The trip down to visit my family was his first trip back since we moved out of There in 2011. It went extremely well, considering my moms desperate attempts to lure me back in to our old parasitic relationship. It did leave us sick and tired upon our return though, something which lead to us becoming even more sick and tired.

Things have been so out of sorts. Excited to spend time again with probably one of two women my stupid judgmental self deems respectable though. I am once again thankful in a weird way that she also will want breaks occasionally because I very well may need some myself, especially exposing myself again to my mother if that happens.
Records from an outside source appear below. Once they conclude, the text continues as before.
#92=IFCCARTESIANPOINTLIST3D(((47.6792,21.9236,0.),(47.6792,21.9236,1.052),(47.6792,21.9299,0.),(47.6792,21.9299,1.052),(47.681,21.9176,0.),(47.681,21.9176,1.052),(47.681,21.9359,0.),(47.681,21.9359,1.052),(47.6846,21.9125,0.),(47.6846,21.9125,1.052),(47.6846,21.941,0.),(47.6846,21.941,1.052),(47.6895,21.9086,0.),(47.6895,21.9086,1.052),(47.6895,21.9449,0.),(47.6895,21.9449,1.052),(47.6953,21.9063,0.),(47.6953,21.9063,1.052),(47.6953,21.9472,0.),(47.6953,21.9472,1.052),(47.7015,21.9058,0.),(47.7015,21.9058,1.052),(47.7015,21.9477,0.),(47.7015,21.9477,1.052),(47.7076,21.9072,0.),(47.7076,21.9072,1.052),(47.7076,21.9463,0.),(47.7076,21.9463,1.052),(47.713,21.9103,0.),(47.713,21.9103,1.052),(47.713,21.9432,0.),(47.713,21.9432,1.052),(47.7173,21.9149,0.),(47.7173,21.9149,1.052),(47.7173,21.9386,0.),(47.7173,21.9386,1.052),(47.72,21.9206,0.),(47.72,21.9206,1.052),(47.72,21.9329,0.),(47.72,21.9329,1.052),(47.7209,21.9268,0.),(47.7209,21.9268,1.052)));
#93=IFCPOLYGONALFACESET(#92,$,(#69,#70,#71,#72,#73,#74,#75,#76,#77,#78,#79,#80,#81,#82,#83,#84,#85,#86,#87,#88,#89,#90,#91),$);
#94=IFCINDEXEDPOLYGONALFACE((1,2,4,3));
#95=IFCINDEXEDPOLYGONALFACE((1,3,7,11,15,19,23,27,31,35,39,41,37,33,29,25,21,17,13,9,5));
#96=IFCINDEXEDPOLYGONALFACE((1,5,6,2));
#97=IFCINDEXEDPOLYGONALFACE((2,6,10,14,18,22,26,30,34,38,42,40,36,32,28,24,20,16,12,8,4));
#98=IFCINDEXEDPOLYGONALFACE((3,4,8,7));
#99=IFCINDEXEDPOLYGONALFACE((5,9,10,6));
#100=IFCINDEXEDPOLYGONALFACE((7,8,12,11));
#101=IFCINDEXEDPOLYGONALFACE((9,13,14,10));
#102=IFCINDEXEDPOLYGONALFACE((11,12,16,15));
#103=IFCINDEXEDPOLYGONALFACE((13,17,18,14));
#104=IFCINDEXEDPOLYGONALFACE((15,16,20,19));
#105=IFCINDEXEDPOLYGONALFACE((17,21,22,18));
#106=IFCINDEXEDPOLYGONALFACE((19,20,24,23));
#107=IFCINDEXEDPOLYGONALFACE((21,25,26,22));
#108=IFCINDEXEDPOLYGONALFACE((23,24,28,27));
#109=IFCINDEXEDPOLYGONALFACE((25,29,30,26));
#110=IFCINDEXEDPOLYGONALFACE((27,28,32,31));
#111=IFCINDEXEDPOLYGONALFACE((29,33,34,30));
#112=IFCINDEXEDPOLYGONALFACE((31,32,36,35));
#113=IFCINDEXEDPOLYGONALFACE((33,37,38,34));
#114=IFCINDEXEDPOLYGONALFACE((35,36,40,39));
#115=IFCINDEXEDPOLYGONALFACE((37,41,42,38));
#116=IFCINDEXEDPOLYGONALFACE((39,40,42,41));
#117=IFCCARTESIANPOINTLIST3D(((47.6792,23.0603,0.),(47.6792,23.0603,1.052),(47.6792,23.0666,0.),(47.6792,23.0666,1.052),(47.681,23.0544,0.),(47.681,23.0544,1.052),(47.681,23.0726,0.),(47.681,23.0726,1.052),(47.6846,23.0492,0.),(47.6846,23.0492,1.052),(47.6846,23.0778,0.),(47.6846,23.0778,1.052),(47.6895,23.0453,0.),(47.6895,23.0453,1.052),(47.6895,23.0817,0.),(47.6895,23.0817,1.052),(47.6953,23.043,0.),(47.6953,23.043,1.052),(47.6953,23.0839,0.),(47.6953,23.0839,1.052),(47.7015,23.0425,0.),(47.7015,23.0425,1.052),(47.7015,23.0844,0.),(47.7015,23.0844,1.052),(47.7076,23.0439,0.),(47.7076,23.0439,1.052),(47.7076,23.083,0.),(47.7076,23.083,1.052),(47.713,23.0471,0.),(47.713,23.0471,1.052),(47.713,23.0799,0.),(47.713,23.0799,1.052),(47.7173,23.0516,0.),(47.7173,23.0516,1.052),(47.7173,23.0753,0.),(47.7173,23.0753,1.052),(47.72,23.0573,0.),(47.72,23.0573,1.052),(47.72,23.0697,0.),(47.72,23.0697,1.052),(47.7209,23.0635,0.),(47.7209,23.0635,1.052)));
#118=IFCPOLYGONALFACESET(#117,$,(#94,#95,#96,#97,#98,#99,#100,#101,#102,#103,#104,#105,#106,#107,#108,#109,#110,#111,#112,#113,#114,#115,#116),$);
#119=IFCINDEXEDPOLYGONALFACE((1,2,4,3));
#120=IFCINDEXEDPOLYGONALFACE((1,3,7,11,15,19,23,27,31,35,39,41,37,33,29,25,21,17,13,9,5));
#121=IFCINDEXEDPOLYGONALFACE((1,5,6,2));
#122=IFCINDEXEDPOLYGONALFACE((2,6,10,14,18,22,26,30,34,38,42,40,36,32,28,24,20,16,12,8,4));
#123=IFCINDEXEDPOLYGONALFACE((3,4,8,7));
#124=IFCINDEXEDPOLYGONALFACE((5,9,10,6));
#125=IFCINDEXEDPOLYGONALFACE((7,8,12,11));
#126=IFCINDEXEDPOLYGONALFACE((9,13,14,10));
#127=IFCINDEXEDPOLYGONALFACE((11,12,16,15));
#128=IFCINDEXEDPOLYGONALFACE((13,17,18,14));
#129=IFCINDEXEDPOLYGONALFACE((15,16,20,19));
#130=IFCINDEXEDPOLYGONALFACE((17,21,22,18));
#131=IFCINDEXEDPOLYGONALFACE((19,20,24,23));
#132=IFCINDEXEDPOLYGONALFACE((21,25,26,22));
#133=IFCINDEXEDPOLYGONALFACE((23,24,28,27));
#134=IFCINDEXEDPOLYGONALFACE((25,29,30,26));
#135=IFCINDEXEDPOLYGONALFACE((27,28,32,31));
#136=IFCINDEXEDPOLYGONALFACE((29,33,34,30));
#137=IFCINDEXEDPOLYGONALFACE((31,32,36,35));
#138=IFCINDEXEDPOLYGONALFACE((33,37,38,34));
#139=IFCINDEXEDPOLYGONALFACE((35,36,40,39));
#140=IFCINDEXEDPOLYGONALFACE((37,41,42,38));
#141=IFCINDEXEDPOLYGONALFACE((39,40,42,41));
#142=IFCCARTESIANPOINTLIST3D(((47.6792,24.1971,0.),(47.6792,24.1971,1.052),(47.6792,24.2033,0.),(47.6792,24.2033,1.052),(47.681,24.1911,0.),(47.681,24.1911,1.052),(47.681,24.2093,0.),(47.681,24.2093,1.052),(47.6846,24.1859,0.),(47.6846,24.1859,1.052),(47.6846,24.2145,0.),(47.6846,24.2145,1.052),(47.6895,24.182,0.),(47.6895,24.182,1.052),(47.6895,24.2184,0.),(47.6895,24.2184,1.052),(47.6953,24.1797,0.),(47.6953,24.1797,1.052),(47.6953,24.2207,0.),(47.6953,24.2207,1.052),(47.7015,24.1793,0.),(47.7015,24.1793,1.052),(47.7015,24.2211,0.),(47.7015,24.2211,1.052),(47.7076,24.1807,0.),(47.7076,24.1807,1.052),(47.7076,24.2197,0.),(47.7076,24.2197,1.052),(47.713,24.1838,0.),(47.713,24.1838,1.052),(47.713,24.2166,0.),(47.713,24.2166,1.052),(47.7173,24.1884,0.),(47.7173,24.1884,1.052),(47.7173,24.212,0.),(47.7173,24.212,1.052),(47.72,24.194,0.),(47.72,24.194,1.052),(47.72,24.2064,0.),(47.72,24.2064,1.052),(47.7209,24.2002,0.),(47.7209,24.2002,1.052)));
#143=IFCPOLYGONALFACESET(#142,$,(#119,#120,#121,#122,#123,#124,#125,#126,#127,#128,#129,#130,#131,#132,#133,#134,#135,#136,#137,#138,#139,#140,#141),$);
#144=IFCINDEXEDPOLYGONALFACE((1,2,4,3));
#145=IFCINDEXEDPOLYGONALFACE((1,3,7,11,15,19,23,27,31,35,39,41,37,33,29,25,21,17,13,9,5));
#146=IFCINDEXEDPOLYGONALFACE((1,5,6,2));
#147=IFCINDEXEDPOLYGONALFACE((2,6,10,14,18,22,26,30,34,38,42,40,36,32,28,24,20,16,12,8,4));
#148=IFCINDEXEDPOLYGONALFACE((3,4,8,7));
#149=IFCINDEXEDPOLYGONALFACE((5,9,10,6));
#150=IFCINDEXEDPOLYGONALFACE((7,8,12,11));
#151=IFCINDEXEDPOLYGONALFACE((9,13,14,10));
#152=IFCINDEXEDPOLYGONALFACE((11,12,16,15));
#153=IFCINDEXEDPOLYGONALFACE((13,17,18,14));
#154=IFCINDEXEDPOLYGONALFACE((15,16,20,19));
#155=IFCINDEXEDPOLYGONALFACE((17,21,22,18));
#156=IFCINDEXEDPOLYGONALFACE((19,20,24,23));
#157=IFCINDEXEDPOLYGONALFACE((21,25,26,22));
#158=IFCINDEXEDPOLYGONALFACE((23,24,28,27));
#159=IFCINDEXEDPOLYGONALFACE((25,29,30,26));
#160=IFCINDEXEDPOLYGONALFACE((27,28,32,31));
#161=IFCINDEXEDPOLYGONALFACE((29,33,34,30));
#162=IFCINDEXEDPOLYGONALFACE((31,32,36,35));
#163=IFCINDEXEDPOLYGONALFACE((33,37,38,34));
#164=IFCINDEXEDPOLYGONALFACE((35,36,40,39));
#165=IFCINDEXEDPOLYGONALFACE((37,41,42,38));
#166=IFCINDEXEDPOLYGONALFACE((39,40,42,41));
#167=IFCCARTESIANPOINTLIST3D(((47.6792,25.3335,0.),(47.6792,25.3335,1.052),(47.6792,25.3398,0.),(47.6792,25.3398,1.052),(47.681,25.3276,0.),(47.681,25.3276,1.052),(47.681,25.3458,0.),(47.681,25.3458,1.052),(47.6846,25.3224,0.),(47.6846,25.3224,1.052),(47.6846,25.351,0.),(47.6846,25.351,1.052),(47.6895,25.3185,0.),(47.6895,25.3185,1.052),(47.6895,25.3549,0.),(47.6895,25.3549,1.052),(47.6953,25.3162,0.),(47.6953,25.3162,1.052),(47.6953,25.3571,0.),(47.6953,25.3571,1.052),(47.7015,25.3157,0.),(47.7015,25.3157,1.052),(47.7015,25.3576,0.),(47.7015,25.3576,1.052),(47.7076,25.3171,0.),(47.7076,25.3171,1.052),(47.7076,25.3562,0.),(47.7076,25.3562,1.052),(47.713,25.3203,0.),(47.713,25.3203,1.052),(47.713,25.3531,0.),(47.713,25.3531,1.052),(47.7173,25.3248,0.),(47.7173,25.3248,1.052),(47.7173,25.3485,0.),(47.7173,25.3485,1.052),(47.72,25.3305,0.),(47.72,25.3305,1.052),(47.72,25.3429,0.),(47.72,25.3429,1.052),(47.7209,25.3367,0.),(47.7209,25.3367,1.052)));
Fortunately we are joinin a gym soon! I have moved past the gelatinous blob stage of inactivity and entered into a sort of self imploding black hole phase (is that redundant?) and though I fear this bodes not well for my attempts to begin exercising again,, hopefully I haven't actually reached the event horizon (etc etc black holes are cool!)....

I suppose I've also neared the horizon with my thesis, which lo and behold I have still yet to begin! I've set a tentative deadline with an editor for sometime in February, so my plan is after next week to get an entire rough draft done by then. According to my shoddy, self aggrandizing calculations, this should be a cakewalk. HA....ha....ha....

It feels like one of my alternate persons in another dimension got punched in both eye sockets so hard the feeling is just so subtly reverberating back to me here in my dimension. Bizarro black eyes.